3 Français sur 10 affirment qu’ils se rendent moins souvent dans leur centre-ville. Est-ce une crise du commerce ou une crise des centres-villes tels qu’on les a connus ?
Charles du Dresnay : Le commerce traverse une mutation profonde liée à l’évolution des modes de consommation, ce qui déstabilise la vie du centre-ville. La part des services n’a cessé d’augmenter depuis des décennies tandis que celle des biens recule. Les habitudes de consommation évoluent. Les consommateurs privilégient de plus en plus les enseignes discount ou de seconde main, sans oublier bien sûr la vente en ligne. Les agences de voyage sont ainsi presque à 100 % digitalisées. Par ailleurs, la succession de crises a fragilisé certaines « locomotives » très implantées en centre-ville. Néanmoins, le commerce évolue mais ne meurt pas. La fonction de shopping pur laisse place à une dimension plus récréative et servicielle.
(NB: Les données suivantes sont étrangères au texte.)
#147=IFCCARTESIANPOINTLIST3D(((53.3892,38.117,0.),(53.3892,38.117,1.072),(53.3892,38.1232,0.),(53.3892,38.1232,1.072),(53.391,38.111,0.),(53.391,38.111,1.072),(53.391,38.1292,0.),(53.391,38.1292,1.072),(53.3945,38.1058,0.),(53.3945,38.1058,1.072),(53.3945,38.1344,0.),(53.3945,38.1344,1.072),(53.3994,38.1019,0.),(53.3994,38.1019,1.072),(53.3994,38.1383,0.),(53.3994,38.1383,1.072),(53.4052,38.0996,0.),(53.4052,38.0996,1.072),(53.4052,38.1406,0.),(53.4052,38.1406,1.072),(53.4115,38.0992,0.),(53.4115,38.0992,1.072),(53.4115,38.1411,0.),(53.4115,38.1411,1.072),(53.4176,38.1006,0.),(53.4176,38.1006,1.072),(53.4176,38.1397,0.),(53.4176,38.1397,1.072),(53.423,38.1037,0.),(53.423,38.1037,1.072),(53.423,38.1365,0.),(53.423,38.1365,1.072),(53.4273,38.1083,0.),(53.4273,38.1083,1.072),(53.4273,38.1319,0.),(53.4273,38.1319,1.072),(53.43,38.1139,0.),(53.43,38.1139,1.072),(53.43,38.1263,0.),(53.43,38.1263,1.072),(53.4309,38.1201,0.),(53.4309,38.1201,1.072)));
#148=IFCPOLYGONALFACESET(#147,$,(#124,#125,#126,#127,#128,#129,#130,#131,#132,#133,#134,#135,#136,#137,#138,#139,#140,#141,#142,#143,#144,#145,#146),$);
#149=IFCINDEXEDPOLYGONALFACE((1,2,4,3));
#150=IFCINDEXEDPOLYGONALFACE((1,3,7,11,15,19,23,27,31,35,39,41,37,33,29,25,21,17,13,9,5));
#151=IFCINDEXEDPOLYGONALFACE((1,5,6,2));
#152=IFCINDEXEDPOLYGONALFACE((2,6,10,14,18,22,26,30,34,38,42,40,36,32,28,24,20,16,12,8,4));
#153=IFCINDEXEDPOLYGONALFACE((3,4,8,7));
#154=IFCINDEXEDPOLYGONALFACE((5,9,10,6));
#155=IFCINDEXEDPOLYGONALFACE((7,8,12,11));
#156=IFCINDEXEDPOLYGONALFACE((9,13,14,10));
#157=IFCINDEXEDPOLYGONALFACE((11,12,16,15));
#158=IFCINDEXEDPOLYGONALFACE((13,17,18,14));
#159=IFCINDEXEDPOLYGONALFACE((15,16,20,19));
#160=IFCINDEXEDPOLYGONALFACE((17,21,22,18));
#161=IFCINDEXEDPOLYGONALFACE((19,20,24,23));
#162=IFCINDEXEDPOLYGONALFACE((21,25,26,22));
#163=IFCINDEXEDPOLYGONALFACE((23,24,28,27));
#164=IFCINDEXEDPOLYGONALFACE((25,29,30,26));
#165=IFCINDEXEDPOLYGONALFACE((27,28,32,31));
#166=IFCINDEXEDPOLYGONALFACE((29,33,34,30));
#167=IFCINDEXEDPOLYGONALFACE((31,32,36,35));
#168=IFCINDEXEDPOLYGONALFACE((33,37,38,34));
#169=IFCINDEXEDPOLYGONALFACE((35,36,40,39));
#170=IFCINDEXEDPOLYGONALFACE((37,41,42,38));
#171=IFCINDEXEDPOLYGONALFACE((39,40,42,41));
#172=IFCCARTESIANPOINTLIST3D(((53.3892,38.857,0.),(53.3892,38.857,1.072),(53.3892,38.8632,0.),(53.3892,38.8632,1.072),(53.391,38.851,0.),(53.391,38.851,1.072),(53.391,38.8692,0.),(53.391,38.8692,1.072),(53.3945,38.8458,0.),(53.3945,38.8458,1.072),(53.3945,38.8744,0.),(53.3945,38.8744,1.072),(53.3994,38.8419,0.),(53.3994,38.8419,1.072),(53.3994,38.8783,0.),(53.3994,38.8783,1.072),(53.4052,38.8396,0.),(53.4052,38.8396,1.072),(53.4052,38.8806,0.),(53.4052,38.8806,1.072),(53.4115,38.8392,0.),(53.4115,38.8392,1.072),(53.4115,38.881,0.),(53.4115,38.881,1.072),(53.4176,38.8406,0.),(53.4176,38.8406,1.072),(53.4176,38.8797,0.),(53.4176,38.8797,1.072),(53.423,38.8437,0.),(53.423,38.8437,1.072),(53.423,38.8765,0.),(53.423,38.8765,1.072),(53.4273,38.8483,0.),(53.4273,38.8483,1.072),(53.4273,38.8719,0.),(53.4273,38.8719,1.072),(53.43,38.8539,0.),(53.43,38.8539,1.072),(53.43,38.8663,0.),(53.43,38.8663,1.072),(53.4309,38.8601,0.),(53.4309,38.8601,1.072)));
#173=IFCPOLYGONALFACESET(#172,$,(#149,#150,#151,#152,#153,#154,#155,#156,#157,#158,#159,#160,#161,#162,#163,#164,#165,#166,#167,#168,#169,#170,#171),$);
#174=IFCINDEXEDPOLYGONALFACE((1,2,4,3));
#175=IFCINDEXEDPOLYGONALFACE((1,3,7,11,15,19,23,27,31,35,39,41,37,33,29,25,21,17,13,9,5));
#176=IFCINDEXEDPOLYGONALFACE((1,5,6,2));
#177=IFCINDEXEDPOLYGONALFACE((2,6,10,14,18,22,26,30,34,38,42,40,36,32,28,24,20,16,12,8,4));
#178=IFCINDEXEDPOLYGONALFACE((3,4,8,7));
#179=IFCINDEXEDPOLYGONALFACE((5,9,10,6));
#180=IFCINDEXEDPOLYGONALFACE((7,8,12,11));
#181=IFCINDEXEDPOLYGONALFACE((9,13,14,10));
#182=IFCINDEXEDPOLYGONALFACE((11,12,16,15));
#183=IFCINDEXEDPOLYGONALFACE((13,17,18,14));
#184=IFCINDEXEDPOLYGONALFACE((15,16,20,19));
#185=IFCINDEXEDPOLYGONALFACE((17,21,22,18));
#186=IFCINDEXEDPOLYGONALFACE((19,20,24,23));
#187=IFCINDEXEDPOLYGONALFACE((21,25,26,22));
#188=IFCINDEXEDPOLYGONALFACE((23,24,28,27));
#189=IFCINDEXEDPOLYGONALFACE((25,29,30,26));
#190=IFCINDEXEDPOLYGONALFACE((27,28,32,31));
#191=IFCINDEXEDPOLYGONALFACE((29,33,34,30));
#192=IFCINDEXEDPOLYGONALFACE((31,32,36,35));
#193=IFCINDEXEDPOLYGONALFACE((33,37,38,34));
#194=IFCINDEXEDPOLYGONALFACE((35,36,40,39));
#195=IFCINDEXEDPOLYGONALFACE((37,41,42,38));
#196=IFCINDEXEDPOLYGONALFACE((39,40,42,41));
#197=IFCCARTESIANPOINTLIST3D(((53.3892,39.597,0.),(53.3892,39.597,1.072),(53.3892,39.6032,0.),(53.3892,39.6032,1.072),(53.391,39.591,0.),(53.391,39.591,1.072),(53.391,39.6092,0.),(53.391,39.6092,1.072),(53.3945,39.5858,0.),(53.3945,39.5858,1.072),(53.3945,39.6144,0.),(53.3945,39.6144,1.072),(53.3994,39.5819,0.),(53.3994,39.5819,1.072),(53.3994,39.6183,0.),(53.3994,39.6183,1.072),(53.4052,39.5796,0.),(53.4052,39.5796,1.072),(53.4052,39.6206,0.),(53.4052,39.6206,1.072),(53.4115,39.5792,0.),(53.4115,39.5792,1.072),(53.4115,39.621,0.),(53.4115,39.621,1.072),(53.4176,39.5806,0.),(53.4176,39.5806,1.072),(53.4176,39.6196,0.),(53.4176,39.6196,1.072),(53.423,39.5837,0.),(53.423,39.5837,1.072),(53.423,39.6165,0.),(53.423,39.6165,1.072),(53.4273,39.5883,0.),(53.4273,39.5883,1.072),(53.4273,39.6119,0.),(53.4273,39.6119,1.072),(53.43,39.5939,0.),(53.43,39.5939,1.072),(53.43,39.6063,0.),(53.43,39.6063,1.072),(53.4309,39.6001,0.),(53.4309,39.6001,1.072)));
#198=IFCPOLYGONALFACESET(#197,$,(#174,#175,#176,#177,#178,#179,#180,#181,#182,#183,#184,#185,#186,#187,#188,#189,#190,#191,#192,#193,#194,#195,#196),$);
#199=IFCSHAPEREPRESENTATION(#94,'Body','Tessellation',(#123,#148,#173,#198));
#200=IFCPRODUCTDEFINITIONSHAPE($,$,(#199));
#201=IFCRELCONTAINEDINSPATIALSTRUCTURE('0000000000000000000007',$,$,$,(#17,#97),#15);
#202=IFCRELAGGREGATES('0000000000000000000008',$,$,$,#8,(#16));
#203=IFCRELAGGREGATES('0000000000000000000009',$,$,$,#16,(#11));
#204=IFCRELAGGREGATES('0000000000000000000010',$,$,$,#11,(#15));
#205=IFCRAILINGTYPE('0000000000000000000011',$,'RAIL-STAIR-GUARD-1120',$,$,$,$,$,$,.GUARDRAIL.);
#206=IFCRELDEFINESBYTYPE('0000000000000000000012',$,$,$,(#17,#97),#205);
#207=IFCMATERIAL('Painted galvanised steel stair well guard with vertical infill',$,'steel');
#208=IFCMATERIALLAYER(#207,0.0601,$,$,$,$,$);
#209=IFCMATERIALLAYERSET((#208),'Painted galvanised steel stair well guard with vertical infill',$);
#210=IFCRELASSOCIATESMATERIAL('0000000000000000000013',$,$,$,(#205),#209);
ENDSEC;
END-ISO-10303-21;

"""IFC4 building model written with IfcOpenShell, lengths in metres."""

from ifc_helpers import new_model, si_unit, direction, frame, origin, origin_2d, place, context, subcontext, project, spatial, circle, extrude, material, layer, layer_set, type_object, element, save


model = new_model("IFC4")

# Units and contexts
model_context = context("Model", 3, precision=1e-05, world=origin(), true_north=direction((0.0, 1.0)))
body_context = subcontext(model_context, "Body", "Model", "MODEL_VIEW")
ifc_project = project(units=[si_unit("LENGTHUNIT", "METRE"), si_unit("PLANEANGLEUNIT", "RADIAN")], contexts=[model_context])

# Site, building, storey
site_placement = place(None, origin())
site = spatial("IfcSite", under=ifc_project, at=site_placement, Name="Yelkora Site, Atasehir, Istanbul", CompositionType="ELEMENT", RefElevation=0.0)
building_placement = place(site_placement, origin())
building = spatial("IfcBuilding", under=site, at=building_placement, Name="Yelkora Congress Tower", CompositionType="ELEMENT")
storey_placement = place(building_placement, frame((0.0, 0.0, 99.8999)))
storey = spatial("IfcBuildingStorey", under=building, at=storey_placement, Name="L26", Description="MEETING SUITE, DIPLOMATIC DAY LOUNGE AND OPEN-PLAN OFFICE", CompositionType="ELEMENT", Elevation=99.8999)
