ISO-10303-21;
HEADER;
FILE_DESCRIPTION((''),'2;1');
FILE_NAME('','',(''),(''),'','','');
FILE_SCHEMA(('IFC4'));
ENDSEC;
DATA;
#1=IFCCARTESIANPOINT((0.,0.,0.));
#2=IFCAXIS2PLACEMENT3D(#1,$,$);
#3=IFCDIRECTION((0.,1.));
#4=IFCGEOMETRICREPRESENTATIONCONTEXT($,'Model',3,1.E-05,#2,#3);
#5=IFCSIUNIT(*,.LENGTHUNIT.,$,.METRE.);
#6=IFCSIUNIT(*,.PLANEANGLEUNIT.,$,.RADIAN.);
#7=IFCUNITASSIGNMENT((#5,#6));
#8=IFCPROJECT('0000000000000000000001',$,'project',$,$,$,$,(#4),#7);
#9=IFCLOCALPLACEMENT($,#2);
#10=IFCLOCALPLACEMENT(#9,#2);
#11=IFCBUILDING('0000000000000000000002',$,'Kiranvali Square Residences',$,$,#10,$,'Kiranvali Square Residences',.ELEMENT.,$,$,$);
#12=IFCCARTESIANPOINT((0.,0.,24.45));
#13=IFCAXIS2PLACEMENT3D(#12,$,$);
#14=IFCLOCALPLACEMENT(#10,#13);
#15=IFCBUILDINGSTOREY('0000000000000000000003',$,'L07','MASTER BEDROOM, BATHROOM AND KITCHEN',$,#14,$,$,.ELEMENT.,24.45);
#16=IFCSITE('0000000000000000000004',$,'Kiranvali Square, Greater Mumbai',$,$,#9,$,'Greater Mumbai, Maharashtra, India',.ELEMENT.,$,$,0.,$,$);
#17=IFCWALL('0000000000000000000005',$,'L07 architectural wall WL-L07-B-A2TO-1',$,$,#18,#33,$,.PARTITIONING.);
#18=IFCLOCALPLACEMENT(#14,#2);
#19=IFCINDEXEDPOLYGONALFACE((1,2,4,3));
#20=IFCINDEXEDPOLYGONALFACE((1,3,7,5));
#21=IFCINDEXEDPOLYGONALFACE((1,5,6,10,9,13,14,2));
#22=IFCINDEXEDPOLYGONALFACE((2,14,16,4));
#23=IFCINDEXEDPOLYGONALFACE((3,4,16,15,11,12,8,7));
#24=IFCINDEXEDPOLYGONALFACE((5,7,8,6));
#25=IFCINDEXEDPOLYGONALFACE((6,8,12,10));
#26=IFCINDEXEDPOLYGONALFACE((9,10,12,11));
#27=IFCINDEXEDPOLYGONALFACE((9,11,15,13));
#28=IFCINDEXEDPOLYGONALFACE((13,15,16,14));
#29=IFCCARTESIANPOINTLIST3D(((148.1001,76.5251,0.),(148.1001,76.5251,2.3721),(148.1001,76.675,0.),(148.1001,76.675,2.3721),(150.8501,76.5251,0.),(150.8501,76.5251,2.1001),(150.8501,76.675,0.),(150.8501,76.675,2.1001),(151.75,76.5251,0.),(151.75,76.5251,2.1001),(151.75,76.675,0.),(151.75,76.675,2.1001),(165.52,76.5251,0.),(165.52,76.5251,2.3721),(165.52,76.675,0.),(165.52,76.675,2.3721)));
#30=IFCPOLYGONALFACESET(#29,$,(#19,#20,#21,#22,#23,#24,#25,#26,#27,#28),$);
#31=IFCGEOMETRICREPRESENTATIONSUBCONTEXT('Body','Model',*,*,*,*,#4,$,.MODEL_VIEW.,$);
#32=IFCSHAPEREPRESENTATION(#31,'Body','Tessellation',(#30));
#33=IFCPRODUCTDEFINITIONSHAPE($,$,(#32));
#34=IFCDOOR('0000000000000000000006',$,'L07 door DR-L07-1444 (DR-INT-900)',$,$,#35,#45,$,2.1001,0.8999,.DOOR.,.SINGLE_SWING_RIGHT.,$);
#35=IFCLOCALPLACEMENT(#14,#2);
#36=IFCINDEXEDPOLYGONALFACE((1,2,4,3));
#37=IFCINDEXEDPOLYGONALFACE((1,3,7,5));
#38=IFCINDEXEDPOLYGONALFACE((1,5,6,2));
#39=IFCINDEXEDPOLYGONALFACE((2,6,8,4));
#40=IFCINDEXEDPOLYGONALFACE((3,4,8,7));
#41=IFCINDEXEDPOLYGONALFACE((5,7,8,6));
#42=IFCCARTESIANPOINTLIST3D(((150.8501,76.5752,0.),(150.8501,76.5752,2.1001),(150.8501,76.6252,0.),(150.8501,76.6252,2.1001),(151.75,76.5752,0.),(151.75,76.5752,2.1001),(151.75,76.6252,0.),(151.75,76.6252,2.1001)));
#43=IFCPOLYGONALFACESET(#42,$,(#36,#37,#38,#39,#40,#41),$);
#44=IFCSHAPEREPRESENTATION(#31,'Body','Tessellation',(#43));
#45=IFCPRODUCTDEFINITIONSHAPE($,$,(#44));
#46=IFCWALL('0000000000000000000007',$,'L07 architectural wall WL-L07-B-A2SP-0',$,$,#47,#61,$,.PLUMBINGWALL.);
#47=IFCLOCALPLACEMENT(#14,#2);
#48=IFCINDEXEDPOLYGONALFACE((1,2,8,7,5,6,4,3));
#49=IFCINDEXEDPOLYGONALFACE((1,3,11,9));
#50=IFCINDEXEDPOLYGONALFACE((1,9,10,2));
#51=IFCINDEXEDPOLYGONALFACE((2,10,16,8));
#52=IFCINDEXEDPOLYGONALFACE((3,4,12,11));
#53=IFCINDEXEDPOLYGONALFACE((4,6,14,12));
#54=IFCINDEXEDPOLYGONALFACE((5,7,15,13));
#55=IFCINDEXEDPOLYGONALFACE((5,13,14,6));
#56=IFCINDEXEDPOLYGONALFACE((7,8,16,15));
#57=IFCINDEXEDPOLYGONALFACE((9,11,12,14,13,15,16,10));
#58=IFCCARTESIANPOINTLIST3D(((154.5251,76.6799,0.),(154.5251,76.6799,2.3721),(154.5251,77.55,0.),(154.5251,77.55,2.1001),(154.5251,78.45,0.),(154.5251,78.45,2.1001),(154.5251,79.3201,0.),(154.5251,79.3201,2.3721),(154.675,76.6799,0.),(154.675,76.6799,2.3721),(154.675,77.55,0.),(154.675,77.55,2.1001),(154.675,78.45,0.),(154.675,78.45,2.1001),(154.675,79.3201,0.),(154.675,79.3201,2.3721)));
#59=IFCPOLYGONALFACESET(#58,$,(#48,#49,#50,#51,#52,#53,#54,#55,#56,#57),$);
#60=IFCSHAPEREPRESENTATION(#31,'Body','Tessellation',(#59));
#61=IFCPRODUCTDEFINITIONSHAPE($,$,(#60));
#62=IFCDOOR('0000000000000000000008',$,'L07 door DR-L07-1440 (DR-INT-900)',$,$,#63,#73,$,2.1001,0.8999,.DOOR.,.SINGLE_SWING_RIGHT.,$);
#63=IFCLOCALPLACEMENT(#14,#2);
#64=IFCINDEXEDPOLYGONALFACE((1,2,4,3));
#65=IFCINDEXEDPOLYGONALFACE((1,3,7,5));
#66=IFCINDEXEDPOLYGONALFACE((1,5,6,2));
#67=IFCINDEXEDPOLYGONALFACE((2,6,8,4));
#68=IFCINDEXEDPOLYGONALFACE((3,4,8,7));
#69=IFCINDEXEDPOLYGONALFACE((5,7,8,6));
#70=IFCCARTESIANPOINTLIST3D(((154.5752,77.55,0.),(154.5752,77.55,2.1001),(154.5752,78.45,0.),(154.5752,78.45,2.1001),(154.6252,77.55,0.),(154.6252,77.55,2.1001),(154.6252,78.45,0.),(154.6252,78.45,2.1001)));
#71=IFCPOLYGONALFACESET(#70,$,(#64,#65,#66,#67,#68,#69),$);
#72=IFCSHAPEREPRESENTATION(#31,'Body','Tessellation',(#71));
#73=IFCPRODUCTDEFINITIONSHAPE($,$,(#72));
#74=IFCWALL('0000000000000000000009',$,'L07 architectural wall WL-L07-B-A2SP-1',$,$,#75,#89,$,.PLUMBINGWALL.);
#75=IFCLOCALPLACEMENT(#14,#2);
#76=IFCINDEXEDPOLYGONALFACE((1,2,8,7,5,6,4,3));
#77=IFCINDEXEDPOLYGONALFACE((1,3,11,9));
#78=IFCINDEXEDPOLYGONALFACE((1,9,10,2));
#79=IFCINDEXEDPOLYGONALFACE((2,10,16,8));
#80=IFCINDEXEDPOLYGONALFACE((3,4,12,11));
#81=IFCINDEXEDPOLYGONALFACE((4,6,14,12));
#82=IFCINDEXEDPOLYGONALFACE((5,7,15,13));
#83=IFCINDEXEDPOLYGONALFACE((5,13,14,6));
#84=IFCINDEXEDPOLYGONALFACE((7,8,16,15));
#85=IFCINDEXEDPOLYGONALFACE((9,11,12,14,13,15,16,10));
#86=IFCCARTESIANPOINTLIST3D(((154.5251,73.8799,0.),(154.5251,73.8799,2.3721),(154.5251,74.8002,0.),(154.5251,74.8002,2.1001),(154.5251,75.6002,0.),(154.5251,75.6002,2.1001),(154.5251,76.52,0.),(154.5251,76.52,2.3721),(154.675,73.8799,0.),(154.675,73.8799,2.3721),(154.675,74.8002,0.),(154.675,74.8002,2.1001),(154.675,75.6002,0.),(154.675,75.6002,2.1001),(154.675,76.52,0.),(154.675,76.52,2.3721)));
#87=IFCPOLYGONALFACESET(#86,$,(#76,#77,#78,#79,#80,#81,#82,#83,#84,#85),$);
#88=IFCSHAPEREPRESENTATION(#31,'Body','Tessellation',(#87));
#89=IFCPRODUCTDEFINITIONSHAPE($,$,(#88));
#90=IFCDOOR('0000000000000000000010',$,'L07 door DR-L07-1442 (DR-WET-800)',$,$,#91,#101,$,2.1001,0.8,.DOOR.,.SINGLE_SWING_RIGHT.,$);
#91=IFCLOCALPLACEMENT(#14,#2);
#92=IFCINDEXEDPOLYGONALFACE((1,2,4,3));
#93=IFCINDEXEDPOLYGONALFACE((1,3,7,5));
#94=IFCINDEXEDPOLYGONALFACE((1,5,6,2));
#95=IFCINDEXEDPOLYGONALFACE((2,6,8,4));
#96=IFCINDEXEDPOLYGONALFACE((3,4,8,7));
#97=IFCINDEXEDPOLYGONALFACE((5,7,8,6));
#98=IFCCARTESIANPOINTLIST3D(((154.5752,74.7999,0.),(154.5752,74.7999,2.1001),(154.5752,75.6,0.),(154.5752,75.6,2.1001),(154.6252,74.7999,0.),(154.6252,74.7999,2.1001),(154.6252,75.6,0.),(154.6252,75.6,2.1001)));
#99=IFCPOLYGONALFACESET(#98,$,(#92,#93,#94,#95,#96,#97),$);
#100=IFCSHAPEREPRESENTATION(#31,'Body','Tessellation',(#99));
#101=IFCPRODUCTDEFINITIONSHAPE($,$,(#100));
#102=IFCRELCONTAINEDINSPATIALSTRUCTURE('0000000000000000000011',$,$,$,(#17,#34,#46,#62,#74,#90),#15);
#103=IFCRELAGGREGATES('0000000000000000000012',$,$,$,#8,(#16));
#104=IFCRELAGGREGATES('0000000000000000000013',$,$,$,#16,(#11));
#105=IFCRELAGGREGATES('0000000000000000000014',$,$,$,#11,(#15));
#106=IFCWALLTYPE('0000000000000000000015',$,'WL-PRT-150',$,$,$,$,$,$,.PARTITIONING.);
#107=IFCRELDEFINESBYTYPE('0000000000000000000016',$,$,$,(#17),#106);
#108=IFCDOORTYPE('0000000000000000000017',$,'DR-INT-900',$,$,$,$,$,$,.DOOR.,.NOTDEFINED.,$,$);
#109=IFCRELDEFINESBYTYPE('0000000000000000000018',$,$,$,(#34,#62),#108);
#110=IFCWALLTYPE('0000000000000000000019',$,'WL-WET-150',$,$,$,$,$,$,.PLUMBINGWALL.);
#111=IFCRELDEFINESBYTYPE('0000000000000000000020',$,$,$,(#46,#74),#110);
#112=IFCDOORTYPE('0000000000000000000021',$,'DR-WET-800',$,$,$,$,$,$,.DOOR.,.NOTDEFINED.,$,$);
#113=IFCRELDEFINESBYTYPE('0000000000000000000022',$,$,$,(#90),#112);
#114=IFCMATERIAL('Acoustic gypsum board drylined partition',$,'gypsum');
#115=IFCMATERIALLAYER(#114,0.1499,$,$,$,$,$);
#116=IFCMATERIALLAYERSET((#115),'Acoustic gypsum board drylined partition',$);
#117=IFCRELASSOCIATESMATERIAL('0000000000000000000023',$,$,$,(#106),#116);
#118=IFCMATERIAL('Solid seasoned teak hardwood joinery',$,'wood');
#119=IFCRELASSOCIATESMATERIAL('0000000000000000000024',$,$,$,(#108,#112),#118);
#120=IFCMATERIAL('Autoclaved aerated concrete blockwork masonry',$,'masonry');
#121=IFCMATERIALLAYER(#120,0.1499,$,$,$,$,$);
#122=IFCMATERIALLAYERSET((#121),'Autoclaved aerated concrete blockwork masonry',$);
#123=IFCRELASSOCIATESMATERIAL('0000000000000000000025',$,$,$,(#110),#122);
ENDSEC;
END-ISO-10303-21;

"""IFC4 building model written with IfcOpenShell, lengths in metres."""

from ifc_helpers import new_model, si_unit, direction, frame, frame_2d, origin, place, context, subcontext, project, spatial, rectangle, extrude, material, layer, layer_set, type_object, element, fill, save


model = new_model("IFC4")

# Units and contexts
model_context = context("Model", 3, precision=1e-05, world=origin(), true_north=direction((0.0, 1.0)))
body_context = subcontext(model_context, "Body", "Model", "MODEL_VIEW")
ifc_project = project(units=[si_unit("LENGTHUNIT", "METRE"), si_unit("PLANEANGLEUNIT", "RADIAN")], contexts=[model_context])

# Site, building, storey
site_placement = place(None, origin())
site = spatial("IfcSite", under=ifc_project, at=site_placement, Name="Kiranvali Square, Greater Mumbai", LongName="Greater Mumbai, Maharashtra, India", CompositionType="ELEMENT", RefElevation=0.0)
building_placement = place(site_placement, origin())
building = spatial("IfcBuilding", under=site, at=building_placement, Name="Kiranvali Square Residences", LongName="Kiranvali Square Residences", CompositionType="ELEMENT")
storey_placement = place(building_placement, frame((0.0, 0.0, 24.45)))
storey = spatial("IfcBuildingStorey", under=building, at=storey_placement, Name="L07", Description="MASTER BEDROOM, BATHROOM AND KITCHEN", CompositionType="ELEMENT", Elevation=24.45)

# Shared definitions
ifc_material_1 = material(Name="Autoclaved aerated concrete blockwork masonry", Category="masonry")

# Walls, openings, doors
ifc_material_2 = material(Name="Acoustic gypsum board drylined partition", Category="gypsum")
ifc_layer_1 = layer(ifc_material_2, 0.1499)
ifc_layer_set_1 = layer_set([ifc_layer_1], Name="Acoustic gypsum board drylined partition")
wall_type_1 = type_object("IfcWallType", Name="WL-PRT-150", PredefinedType="PARTITIONING", material=ifc_layer_set_1)
wall_1_placement = place(storey_placement, frame((148.1001, 76.6001, 0.0), z_axis=(0.0, 0.0, 1.0), x_axis=(1.0, 0.0, 0.0)))
wall_1 = element("IfcWall", 1, at=wall_1_placement, inside=storey, type_object=wall_type_1, Name="L07 architectural wall WL-L07-B-A2TO-1", PredefinedType="PARTITIONING", context=body_context, shape_type="SweptSolid", body=[
    extrude(rectangle(XDim=17.4199, YDim=0.1499, at=frame_2d((8.71, 0.0))), origin(), (0.0, 0.0, 1.0), 2.3721),
])
opening_1_placement = place(wall_1_placement, frame((2.75, 0.0, 0.0)))
opening_1 = element("IfcOpeningElement", 2, at=opening_1_placement, cuts=wall_1, PredefinedType="OPENING", context=body_context, shape_type="SweptSolid", body=[
    extrude(rectangle(XDim=0.8999, YDim=2.1001, at=frame_2d((0.45, 1.05))), frame((0.0, 0.085, 0.0), z_axis=(0.0, -1.0, 0.0), x_axis=(1.0, 0.0, 0.0)), (0.0, 0.0, 1.0), 0.1699),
Le coût trop élevé des loyers constitue une problématique centrale…
Contrairement à l’image du commerçant propriétaire de son local, les murs appartiennent souvent à des sociétés immobilières qui peuvent avoir une logique de spéculation jusqu’à ce que les prix deviennent rédhibitoires. D’où l’importance d’une régulation par les collectivités. Il y a un vrai enjeu d’encadrement des loyers. Le baromètre Codata publié en janvier montre qu’il existe 11,6 % de vacance commerciale au niveau national et 13,1 % pour notre région.
Redynamiser les centres-villes passe-t-il par une autre politique du logement ?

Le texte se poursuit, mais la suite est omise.